Organizations today need a multi-dimensional perspective across lines of business as well as functional areas. We need platforms which facilitate collaboration in its many forms, such as person-to-person, systems-to-persons and systems-to-systems collaboration.
Knowledge@Wharton: What sort of image does sponsoring marathons all over the world give you?
Chandra: Health and fitness has long been a strong focus for us as a company given our young employee base with an average age of only 29 years. Association with events like marathons was a logical extension to take that wellness movement into the local communities, engage our employees and clients as well as raise funds for worthy causes. In cities like Mumbai, Amsterdam, Boston and New York, we have managed to use these platforms to not only elevate our brand presence beyond our target customer base and into the broader community, but we have also managed to amplify our message of wellness and fitness deeper into the local communities.
Knowledge@Wharton: “Tata” has a brand value of $21 billion (brandirectory.com Global 500 2014). TCS is $8.2 billion. Are you paying a royalty to the Tatas for using the name? Is it good corporate governance to pay such a royalty?
Chandra: There is no issue of governance. It’s all about the value derived from the brand promotion agreement with Tata Sons and the brand “Tata.” Because of the increasing breadth of the Tata brand in many global markets, the TCS brand gets additional name recognition. And because of the unique characteristics of the Tata Group — its reputation for giving back to the community, its strong focus on integrity and trust — it allows TCS a strong association with a trusted mother brand. Lastly, as the Tata brand expands globally, it provides additional support for growth of the TCS brand.

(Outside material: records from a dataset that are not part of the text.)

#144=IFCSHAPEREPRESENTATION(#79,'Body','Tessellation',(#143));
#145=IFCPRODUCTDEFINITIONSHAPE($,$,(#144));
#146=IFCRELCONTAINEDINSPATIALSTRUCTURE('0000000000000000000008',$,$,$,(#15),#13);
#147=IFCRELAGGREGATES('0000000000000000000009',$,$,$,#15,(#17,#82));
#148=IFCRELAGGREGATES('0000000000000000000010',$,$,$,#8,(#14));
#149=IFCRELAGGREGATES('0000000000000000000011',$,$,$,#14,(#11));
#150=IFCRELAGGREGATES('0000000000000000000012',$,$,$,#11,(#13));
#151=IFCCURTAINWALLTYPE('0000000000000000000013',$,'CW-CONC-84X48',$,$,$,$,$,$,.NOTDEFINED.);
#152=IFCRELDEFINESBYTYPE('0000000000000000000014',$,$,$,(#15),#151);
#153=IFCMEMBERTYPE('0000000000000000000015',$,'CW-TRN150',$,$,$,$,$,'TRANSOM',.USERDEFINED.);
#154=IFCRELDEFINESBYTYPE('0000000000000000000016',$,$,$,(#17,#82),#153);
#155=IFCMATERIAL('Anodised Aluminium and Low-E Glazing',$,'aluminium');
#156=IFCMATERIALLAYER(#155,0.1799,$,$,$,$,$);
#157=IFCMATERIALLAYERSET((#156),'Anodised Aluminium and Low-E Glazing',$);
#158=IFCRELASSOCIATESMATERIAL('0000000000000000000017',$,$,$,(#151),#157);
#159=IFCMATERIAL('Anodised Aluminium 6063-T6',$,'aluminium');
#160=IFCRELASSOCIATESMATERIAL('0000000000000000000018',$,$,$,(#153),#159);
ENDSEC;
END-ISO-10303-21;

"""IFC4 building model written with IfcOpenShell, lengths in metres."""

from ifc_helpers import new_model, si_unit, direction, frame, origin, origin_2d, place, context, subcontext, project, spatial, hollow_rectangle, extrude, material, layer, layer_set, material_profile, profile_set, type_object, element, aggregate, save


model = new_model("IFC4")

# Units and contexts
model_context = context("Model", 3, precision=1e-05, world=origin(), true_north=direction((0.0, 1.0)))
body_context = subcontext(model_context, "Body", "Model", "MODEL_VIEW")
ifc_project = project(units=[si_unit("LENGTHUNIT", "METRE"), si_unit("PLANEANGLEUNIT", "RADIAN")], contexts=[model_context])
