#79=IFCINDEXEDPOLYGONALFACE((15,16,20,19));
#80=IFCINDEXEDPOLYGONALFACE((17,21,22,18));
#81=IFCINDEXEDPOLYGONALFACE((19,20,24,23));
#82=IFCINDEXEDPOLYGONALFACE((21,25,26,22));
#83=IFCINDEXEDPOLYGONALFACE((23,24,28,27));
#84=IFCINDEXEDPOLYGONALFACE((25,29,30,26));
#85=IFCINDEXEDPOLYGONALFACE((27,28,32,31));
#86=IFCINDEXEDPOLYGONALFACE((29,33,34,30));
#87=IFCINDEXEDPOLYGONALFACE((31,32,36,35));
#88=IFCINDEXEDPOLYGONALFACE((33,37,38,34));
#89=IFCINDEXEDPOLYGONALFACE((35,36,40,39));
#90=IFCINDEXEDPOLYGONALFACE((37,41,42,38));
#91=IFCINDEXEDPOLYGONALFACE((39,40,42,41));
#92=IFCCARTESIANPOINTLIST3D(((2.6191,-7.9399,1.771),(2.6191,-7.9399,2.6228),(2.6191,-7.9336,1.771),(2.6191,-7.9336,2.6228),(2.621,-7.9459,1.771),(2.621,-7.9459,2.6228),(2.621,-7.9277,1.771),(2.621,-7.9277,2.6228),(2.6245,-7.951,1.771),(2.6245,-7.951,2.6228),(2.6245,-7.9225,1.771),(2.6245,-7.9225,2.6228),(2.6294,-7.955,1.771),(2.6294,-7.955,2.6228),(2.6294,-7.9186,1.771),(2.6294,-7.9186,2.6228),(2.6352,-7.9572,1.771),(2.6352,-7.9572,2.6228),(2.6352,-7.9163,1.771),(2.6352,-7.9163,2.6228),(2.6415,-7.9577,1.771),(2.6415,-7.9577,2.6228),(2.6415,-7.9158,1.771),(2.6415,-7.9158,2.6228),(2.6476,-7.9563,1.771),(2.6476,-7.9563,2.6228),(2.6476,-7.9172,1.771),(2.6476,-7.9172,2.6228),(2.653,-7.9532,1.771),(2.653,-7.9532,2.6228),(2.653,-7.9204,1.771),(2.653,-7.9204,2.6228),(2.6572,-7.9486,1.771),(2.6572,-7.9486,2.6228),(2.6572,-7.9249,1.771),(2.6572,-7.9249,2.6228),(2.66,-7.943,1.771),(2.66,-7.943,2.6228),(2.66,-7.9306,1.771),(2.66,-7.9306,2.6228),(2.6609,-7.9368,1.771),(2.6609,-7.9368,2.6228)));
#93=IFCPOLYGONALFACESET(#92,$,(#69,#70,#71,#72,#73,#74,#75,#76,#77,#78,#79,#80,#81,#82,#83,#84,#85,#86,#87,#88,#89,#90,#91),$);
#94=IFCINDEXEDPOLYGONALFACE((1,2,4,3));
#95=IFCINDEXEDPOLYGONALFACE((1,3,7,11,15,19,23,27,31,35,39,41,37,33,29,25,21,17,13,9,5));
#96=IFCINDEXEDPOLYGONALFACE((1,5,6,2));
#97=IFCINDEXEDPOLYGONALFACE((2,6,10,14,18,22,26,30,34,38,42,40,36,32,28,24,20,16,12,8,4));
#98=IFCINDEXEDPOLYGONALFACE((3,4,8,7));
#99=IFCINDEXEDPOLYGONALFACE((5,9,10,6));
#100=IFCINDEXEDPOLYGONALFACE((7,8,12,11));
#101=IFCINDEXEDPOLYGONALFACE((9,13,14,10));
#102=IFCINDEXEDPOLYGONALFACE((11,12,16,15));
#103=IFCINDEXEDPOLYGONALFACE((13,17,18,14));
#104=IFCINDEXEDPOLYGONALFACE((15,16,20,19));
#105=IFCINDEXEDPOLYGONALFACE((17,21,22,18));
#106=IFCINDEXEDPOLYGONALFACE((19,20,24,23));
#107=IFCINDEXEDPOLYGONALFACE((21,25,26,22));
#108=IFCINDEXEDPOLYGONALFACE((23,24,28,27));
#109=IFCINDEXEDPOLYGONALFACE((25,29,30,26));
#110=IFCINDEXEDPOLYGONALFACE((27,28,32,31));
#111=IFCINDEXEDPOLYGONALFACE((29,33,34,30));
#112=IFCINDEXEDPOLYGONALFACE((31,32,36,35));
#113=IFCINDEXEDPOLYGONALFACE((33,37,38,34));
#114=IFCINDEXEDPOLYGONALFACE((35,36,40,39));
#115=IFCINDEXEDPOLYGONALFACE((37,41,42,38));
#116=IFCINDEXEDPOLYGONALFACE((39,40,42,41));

Knowledge@Wharton: Every time the Tatas need money (to shore up stakes in group companies or for other reasons) Tata Sons sells some TCS shares. Does being the treasure chest of the group impact you in any way?
Chandra: The shareholding of Tata Sons in TCS has been stable for some time. The Tata Group is committed to this company and the shareholders know that.
[blockquote source]One thing is now clear: A digital strategy is not about building mobile apps or using the cloud. It is about building new business models. It’s about changing the whole way of working, the way you understand and interact with your customers as well as the products and services you offer. [/blockquote]
Knowledge@Wharton: When did you know you were going to be the next CEO? How did the company prepare you for leadership? How did you personally prepare for leadership?
Chandra: On May 26, 2009, I was informed after the board meeting that I would be the new CEO. I had never thought that I’d be a CEO one day. Every position I have ever held in TCS has been full of rich experiences and learning and not the means to an end. I look at my career as a journey where every situation and every assignment has enabled me to learn something new.
In recent years, taking up long-distance running has helped me refine my leadership style. It has taught me to reflect in silence amidst the daily noise around us. It has taught me the importance of endurance and of perseverance. Running my first marathon was one of my best moments because I could feel that I was truly stretching myself.
Knowledge@Wharton: How do you manage succession planning at TCS? Have you identified a successor?
Chandra: TCS has a long pipeline of leaders who are now running individual business units of between $500 million and a few billion dollars. Our structure of smaller, agile business units run by empowered managers creates numerous opportunities across the organization. This means we have a deep leadership bench. My successor, I am sure, will emerge from this pool of talent.